Gesellschaft für Arzneimittelanwendungsforschung und Arzneimittelepidemiologie e.V. (GAA). 24. Jahrestagung der Gesellschaft für Arzneimittelanwendungsforschung und Arzneimittelepidemiologie. Erfurt, 30.11.-01.12.2017. Düsseldorf: German Medical Science GMS Publishing House; 2017. Doc17gaa105

doi: 10.3205/17gaa105, urn:nbn:de:0183-17gaa1058

Published: December 5, 2017

© 2017 Tesch et al.
This is an Open Access article distributed under the terms of the Creative Commons Attribution 4.0 License. See license information at http://creativecommons.org/licenses/by/4.0/.

Outline

Text

Background: Allergic rhinitis (AR) is one of the most important risk factors of asthma. Several pharmaceutical interventions exist for the treatment of AR and asthma. However, allergy immunotherapy (AIT) constitutes the only available causal therapy option for AR. The aim of this study was to estimate whether the use of AIT can delay progression in asthma severity.

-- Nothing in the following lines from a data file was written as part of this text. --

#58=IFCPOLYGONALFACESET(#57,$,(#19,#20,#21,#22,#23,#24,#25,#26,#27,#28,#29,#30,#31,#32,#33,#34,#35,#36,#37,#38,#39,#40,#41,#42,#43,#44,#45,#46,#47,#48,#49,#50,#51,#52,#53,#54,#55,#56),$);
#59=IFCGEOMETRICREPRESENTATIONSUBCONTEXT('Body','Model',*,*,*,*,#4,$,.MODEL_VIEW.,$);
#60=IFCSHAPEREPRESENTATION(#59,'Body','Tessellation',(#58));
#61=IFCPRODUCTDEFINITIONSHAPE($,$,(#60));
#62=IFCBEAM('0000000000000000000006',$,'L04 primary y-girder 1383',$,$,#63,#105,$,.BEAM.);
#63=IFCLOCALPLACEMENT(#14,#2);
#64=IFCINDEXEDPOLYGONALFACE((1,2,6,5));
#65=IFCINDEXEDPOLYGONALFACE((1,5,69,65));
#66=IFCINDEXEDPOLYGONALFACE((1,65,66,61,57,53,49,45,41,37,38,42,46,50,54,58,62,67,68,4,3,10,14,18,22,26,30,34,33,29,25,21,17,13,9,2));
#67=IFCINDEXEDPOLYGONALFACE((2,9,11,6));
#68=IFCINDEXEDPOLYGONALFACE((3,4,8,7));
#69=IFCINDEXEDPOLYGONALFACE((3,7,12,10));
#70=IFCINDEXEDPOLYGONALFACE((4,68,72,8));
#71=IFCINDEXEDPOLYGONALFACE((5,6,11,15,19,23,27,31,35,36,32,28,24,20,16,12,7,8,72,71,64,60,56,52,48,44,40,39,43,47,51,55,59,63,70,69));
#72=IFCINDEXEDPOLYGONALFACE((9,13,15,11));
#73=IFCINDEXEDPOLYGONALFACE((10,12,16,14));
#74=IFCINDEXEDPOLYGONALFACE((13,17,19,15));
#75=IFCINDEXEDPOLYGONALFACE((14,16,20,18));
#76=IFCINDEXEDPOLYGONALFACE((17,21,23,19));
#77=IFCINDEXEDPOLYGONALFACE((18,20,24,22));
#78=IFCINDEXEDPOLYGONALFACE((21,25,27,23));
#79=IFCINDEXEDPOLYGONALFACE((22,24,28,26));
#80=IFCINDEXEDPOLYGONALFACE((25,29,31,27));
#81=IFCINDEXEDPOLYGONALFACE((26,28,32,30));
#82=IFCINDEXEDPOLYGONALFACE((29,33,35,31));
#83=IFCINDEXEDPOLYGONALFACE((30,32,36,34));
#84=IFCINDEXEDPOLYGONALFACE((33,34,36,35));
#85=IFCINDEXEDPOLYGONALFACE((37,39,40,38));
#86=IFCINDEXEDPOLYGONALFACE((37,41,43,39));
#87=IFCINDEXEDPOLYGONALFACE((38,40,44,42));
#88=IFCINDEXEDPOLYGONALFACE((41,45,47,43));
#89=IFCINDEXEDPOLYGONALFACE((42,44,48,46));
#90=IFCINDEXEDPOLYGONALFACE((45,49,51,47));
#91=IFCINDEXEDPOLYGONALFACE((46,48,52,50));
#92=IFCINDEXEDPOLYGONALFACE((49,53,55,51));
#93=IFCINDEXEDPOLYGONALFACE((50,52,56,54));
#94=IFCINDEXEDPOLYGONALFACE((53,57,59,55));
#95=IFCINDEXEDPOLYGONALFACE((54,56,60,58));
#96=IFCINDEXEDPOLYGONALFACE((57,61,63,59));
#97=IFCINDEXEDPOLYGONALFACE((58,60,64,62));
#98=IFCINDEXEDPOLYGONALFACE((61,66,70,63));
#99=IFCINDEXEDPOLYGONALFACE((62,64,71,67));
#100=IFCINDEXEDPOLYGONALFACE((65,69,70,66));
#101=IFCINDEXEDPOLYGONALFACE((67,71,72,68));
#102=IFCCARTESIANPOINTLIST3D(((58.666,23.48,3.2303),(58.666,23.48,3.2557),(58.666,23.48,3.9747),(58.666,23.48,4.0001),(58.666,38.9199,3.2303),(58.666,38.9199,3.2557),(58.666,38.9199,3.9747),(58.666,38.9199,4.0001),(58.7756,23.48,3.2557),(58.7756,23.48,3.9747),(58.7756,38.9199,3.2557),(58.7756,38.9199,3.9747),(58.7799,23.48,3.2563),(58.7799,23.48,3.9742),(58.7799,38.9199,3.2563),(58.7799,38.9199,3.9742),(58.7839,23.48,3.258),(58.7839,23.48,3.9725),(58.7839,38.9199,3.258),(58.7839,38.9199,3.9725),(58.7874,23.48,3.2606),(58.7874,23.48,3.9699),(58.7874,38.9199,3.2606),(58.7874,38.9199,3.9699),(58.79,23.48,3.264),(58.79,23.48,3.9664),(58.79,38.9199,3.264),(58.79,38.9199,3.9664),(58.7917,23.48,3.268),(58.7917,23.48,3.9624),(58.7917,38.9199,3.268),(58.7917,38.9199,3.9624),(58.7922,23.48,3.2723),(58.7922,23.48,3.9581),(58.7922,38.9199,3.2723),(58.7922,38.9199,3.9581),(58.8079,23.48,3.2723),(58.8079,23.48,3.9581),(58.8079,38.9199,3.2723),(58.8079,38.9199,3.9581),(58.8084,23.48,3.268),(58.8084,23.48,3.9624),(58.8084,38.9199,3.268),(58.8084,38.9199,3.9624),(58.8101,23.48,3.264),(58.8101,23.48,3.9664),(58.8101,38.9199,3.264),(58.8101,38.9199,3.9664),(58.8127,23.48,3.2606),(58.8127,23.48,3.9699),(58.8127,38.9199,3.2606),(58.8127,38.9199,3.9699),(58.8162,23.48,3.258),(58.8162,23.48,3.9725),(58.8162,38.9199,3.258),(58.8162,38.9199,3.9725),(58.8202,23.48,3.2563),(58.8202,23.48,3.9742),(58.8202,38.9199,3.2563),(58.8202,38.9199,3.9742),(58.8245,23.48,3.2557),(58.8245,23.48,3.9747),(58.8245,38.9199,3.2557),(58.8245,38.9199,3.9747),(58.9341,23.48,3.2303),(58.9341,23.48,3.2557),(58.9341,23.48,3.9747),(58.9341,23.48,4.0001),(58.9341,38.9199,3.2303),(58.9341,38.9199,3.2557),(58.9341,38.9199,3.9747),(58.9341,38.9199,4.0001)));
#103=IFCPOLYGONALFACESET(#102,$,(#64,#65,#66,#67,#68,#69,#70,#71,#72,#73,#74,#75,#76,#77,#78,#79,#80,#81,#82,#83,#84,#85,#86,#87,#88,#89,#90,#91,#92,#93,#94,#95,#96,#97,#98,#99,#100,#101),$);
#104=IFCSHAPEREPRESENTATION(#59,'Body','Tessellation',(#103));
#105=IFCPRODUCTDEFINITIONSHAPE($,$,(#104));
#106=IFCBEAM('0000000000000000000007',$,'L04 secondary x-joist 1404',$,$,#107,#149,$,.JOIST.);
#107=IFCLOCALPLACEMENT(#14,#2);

Materials and Methods: The analysis was based on the data from a statutory health insurance AOK PLUS over the time span 2005 to 2014. It included all beneficiaries who did not change their insurance status over the time period and survive at least until 2007 (1.74 million people). Patients with asthma were defined as being diagnosed at least twice for having asthma (ICD-10 Code J45) in outpatient care and having received at least two recipes of short-acting beta agonists, inhaled corticosteroids or combinations of inhaled corticosteroids and long-acting beta agonists during four consecutive quarters. People who did not meet this definition in the years 2005-06 but in later years were classified as incident cases of asthma. The severity of asthma was measured by medication according to the guideline of the global initiative for asthma (GINA). Transitions between the GINA steps were analyzed using Cox regression models controlling for age and sex.

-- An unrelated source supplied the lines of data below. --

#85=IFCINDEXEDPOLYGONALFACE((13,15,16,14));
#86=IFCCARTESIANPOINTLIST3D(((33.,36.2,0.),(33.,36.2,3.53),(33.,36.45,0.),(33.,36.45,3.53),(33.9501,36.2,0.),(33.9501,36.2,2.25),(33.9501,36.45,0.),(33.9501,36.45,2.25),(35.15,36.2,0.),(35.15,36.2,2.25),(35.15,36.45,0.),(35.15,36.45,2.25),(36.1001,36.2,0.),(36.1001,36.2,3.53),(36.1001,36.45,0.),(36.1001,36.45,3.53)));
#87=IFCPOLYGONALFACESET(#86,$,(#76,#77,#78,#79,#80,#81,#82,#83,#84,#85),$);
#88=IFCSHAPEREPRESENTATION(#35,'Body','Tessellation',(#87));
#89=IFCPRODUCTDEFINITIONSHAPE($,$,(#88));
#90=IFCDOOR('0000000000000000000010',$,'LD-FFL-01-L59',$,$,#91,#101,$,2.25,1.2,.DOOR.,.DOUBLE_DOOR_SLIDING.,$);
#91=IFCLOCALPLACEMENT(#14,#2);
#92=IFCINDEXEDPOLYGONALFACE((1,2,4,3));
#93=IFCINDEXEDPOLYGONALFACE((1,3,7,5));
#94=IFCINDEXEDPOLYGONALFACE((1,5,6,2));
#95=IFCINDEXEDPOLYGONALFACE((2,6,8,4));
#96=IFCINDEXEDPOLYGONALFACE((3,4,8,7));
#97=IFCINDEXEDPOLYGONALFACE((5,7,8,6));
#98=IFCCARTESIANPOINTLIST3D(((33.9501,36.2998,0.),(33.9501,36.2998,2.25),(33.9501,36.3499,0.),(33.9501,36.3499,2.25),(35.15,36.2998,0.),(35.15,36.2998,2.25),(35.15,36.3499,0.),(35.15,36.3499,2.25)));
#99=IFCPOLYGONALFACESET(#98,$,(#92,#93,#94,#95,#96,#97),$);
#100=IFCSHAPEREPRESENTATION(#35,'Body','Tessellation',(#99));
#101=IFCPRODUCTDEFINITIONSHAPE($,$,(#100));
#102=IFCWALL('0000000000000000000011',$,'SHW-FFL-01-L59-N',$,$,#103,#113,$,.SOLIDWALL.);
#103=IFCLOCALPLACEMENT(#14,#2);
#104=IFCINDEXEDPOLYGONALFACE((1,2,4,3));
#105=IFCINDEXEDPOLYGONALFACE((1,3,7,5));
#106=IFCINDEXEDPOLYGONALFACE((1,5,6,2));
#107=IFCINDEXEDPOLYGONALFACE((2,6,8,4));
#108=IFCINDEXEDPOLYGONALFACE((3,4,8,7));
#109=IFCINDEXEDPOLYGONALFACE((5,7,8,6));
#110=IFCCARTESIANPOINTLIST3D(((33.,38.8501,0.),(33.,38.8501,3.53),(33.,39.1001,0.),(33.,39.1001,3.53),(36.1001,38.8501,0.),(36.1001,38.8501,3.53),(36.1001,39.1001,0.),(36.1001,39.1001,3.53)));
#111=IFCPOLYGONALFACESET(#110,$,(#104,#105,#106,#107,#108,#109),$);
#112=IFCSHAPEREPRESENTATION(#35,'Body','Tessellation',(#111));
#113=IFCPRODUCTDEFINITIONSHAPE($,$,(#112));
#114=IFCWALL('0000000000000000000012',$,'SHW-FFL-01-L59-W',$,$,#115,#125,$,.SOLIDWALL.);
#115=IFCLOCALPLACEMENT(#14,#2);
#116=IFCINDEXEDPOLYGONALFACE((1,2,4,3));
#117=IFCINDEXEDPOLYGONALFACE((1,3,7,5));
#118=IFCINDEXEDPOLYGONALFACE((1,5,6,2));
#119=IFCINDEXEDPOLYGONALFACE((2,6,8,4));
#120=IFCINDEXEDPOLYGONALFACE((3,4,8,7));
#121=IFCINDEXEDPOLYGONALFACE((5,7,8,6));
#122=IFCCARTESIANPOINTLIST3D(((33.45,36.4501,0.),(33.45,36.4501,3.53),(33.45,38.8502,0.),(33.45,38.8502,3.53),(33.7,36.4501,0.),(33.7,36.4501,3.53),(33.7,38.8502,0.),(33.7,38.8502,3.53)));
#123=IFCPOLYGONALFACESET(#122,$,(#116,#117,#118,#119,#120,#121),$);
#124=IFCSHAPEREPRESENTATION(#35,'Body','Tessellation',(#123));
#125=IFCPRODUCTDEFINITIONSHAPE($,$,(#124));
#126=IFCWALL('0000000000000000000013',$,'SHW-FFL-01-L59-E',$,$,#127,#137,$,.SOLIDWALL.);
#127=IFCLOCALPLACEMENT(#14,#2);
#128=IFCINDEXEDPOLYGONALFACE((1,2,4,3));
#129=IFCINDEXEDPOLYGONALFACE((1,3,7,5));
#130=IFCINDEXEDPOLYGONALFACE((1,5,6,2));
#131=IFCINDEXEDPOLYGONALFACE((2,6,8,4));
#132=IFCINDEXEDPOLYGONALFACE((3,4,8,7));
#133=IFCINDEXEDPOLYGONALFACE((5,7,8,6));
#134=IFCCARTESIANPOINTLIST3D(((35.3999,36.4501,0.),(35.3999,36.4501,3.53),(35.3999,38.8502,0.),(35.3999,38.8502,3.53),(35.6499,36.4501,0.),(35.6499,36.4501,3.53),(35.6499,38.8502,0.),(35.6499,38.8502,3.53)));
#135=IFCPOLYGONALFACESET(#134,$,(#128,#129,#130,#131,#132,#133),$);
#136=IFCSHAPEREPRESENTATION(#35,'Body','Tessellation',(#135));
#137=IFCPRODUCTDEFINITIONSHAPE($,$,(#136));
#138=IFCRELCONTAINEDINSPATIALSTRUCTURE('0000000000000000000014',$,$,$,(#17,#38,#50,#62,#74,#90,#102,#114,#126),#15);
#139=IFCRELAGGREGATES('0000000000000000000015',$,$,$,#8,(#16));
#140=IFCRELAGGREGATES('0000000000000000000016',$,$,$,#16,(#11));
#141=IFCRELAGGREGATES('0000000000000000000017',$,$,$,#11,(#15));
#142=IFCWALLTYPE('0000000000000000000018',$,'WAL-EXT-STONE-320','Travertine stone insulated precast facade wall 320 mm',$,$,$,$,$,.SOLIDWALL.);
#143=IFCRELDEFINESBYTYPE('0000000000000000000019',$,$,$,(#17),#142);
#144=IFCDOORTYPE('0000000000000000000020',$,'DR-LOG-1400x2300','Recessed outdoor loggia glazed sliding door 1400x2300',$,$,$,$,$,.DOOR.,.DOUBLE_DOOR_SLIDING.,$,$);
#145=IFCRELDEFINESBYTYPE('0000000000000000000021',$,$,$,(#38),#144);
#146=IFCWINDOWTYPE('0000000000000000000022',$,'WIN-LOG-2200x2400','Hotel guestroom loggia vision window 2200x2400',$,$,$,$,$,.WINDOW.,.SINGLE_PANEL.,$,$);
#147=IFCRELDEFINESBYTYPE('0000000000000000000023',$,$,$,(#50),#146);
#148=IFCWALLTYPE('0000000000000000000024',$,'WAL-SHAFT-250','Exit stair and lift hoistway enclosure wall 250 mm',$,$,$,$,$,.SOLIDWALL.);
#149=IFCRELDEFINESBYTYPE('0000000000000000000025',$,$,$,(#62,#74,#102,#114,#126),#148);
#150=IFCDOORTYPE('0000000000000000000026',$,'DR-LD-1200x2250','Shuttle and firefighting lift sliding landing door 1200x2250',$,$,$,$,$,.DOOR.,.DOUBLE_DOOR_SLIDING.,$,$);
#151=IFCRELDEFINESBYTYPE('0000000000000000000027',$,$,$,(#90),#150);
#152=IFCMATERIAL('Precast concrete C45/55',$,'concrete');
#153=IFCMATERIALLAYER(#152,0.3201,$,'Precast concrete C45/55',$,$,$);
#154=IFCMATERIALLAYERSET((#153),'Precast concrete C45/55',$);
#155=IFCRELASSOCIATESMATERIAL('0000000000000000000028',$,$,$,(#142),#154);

Results: About 40 thousand people with incident asthma were followed through their path of asthma progression. Because step two and step five GINA medication were rarely prescribed, only transitions from GINA step 1 to GINA step 3 and GINA step 3 to GINA step 4, were modeled. Significant reduction in time to next step of asthma medication was found for people receiving AIT. The delay in progression due to AIT was stronger in the second transition, which was also independent of age and sex. Because of poor separation between asthma and COPD in outpatient data for older people, it is possible that the protective effect of AIT in this group is underestimated.

Conclusion: The results of our study provide evidence that the treatment with AIT could change the course of asthma. As long as there is no primary prevention for allergic diseases, a treatment thru allergy immunotherapy should be considered.